Successful implementation of an IPSec network using digital certificates for
authentication requires advance planning before beginning configuration of
individual routers. In task 1, define the IPSec security policy based on the
overall company security policy. Some planning steps follow.
Step 1 and
Step 2 are covered in detail in this module. The other steps shown in Figure
and listed below are presented for review purposes. These steps are the same
for site-to-site VPN configurations using either pre-shared keys or digital
certificates.
Step 1 Plan for CA support – Determine the CA server
details. This includes variables such as the type of CA server to be used, the
IP address, and the CA administrator contact information.

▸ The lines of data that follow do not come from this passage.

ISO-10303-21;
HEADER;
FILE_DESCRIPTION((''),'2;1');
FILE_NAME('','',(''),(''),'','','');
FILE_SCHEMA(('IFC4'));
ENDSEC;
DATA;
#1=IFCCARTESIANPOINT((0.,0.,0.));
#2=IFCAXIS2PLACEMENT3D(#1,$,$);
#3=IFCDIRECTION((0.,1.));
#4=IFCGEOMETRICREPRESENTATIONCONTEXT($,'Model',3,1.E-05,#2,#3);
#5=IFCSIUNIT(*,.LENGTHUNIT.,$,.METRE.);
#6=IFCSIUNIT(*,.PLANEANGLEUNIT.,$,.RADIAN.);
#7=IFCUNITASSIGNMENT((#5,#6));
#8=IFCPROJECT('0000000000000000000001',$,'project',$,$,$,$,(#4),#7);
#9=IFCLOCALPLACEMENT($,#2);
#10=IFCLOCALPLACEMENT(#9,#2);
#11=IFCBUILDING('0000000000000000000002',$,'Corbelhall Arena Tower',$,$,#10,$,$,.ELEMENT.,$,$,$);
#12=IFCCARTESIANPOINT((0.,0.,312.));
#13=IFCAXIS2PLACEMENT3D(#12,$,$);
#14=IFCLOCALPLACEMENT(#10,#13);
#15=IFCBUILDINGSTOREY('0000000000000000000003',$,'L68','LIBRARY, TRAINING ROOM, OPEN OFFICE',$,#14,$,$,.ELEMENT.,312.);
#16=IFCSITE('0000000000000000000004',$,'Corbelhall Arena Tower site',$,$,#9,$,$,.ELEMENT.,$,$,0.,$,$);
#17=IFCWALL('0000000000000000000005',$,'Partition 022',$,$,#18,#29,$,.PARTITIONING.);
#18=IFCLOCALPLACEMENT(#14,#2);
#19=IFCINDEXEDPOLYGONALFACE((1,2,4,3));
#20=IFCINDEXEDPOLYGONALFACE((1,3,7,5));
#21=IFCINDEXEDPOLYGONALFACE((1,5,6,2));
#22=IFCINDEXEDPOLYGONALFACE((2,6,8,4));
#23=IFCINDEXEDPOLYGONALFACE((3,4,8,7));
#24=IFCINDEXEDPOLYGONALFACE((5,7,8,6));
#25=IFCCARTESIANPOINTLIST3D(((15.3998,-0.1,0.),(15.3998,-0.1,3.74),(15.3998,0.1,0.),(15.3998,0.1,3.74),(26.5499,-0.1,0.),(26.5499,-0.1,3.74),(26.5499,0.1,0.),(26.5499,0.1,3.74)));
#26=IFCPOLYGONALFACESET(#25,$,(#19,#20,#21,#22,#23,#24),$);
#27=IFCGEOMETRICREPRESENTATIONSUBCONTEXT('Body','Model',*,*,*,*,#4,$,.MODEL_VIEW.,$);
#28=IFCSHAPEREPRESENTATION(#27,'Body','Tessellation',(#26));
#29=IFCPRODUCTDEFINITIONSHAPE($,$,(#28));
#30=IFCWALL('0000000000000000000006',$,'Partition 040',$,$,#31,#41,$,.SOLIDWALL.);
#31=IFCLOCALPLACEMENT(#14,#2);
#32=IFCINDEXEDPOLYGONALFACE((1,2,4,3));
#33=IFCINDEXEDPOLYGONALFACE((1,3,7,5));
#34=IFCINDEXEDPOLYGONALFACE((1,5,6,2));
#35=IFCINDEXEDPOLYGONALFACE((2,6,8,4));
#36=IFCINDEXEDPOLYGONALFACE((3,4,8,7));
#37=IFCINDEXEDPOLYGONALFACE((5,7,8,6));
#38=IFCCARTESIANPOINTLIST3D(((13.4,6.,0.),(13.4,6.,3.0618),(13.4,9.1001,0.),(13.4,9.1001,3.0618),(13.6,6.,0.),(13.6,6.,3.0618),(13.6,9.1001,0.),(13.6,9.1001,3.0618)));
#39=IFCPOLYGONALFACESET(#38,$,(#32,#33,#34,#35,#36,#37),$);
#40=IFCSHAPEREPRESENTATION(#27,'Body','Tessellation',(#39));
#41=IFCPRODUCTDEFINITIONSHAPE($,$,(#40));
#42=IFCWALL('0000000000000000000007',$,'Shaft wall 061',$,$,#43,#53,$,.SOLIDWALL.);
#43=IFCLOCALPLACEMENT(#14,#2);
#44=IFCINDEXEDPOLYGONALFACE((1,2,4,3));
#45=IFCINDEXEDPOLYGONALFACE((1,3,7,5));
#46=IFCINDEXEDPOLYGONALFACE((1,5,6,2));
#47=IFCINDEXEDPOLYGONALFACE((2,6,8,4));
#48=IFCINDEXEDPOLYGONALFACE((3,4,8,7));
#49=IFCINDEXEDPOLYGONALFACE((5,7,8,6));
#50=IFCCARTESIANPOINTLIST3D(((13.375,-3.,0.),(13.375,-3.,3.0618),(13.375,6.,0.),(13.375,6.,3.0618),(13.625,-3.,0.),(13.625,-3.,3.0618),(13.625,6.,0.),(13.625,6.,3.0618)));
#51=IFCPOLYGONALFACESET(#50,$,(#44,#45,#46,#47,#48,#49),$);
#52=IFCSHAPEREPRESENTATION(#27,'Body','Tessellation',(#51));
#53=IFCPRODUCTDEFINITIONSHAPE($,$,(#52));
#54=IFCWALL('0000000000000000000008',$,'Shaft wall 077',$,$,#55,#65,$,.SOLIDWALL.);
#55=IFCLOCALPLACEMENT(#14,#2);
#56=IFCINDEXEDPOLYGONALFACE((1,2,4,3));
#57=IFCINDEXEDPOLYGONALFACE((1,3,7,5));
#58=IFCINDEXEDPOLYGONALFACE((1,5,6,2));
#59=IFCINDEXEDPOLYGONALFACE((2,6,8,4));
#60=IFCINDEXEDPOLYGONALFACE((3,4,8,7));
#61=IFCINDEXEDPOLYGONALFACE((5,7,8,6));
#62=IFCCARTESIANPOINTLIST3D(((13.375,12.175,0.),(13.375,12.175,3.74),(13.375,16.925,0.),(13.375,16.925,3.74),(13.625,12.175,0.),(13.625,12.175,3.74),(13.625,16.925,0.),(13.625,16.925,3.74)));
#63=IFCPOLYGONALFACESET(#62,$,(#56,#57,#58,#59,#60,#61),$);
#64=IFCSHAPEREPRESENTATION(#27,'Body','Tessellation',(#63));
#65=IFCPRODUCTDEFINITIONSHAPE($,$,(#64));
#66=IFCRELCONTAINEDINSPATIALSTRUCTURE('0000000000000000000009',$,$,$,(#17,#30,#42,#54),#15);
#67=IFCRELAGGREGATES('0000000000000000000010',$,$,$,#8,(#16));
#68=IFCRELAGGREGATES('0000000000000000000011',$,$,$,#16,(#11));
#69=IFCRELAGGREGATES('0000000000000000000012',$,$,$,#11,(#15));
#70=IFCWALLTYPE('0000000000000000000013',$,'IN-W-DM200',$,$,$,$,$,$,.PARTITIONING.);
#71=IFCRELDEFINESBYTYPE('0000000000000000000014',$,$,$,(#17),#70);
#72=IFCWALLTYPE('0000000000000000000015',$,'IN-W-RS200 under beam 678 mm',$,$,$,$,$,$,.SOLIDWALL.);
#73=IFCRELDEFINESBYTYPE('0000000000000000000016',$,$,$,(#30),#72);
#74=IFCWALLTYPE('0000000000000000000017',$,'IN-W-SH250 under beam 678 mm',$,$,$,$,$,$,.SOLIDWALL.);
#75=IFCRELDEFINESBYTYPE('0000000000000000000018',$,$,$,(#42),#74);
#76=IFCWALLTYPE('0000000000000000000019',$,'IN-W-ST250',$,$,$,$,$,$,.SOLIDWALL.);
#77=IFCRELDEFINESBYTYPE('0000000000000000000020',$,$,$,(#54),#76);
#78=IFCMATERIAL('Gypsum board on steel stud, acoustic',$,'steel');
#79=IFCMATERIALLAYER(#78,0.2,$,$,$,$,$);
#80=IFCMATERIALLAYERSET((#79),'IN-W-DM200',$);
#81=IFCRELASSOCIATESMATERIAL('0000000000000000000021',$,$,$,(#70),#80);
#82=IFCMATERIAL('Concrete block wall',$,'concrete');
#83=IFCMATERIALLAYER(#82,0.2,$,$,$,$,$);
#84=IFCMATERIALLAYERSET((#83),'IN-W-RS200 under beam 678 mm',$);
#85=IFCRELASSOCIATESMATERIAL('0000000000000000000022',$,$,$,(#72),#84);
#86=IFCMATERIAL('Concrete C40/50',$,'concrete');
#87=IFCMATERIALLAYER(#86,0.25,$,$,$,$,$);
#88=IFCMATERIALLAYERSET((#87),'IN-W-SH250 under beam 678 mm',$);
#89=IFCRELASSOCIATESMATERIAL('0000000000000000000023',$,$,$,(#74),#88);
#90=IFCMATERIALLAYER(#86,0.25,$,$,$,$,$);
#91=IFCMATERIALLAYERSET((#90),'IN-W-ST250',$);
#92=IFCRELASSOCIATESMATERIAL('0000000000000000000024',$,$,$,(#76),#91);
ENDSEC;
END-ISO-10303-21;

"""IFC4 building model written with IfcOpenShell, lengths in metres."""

from ifc_helpers import new_model, si_unit, direction, frame, frame_2d, origin, place, context, subcontext, project, spatial, rectangle, extrude, material, layer, layer_set, type_object, element, save


model = new_model("IFC4")

# Units and contexts
model_context = context("Model", 3, precision=1e-05, world=origin(), true_north=direction((0.0, 1.0)))
body_context = subcontext(model_context, "Body", "Model", "MODEL_VIEW")
ifc_project = project(units=[si_unit("LENGTHUNIT", "METRE"), si_unit("PLANEANGLEUNIT", "RADIAN")], contexts=[model_context])

# Site, building, storey
site_placement = place(None, origin())
site = spatial("IfcSite", under=ifc_project, at=site_placement, Name="Corbelhall Arena Tower site", CompositionType="ELEMENT", RefElevation=0.0)
building_placement = place(site_placement, origin())
building = spatial("IfcBuilding", under=site, at=building_placement, Name="Corbelhall Arena Tower", CompositionType="ELEMENT")
storey_placement = place(building_placement, frame((0.0, 0.0, 312.0)))
storey = spatial("IfcBuildingStorey", under=building, at=storey_placement, Name="L68", Description="LIBRARY, TRAINING ROOM, OPEN OFFICE", CompositionType="ELEMENT", Elevation=312.0)

# Shared definitions
ifc_material_1 = material(Name="Gypsum board on steel stud, acoustic", Category="steel")
ifc_layer_1 = layer(ifc_material_1, 0.2)
ifc_layer_set_1 = layer_set([ifc_layer_1], Name="IN-W-DM200")
wall_type_1 = type_object("IfcWallType", Name="IN-W-DM200", PredefinedType="PARTITIONING", material=ifc_layer_set_1)

# Walls
for number, where, z_axis, x_axis, name in (
    (1, (26.55, 0.0, 0.0), (0.0, 0.0, 1.0), (-1.0, 0.0, 0.0), "Partition 022"),
):
    element("IfcWall", number, at=place(storey_placement, frame(where, z_axis=z_axis, x_axis=x_axis)), inside=storey, type_object=wall_type_1, Name=name, PredefinedType="PARTITIONING", context=body_context, shape_type="SweptSolid", body=[
        extrude(rectangle(XDim=11.1501, YDim=0.2, at=frame_2d((5.5752, 0.0))), origin(), (0.0, 0.0, 1.0), 3.74),
    ])
ifc_material_2 = material(Name="Concrete block wall", Category="concrete")
ifc_layer_2 = layer(ifc_material_2, 0.2)
ifc_layer_set_2 = layer_set([ifc_layer_2], Name="IN-W-RS200 under beam 678 mm")
wall_type_2 = type_object("IfcWallType", Name="IN-W-RS200 under beam 678 mm", PredefinedType="SOLIDWALL", material=ifc_layer_set_2)
wall_1_placement = place(storey_placement, frame((13.5, 9.1001, 0.0), z_axis=(0.0, 0.0, 1.0), x_axis=(0.0, -1.0, 0.0)))
element("IfcWall", 2, at=wall_1_placement, inside=storey, type_object=wall_type_2, Name="Partition 040", PredefinedType="SOLIDWALL", context=body_context, shape_type="SweptSolid", body=[
    extrude(rectangle(XDim=3.1001, YDim=0.2, at=frame_2d((1.55, 0.0))), origin(), (0.0, 0.0, 1.0), 3.0618),
])
ifc_material_3 = material(Name="Concrete C40/50", Category="concrete")
ifc_layer_3 = layer(ifc_material_3, 0.25)
ifc_layer_set_3 = layer_set([ifc_layer_3], Name="IN-W-SH250 under beam 678 mm")
wall_type_3 = type_object("IfcWallType", Name="IN-W-SH250 under beam 678 mm", PredefinedType="SOLIDWALL", material=ifc_layer_set_3)
wall_2_placement = place(storey_placement, frame((13.5, 6.0, 0.0), z_axis=(0.0, 0.0, 1.0), x_axis=(0.0, -1.0, 0.0)))
element("IfcWall", 3, at=wall_2_placement, inside=storey, type_object=wall_type_3, Name="Shaft wall 061", PredefinedType="SOLIDWALL", context=body_context, shape_type="SweptSolid", body=[
    extrude(rectangle(XDim=9.0, YDim=0.25, at=frame_2d((4.5, 0.0))), origin(), (0.0, 0.0, 1.0), 3.0618),
])
ifc_layer_4 = layer(ifc_material_3, 0.25)
ifc_layer_set_4 = layer_set([ifc_layer_4], Name="IN-W-ST250")
wall_type_4 = type_object("IfcWallType", Name="IN-W-ST250", PredefinedType="SOLIDWALL", material=ifc_layer_set_4)
wall_3_placement = place(storey_placement, frame((13.5, 12.175, 0.0), z_axis=(0.0, 0.0, 1.0), x_axis=(0.0, 1.0, 0.0)))
element("IfcWall", 4, at=wall_3_placement, inside=storey, type_object=wall_type_4, Name="Shaft wall 077", PredefinedType="SOLIDWALL", context=body_context, shape_type="SweptSolid", body=[
    extrude(rectangle(XDim=4.75, YDim=0.25, at=frame_2d((2.375, 0.0))), origin(), (0.0, 0.0, 1.0), 3.74),
])

save(model, "model.ifc")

Step 2 Determine the ISAKMP (IKE phase one) policy –
Determine the IKE policies between IPSec peers based on the number and location
of the peers.
Step 3 Determine the IPSec (IKE phase
two) policy – Identify IPSec peer details such as IP addresses and IPSec
modes. Then configure crypto maps to gather all IPSec policy details
together.
Step 4 Check the current configuration
– Use the show run, show crypto isakmp
policy, and show crypto map commands, as well as
the many other show commands that are covered later in this
module.
Step 5 Ensure the network works without
encryption – Ensure that testing basic connectivity has been achieved
between IPSec peers using the desired IP services before configuring IPSec. The
ping command can be used to check basic
connectivity.
Step 6 Ensure that access lists are
compatible with IPSec – Ensure that perimeter routers and the IPSec peer
router interfaces permit IPSec traffic. Use the show
access-lists command to view the existing ACLs.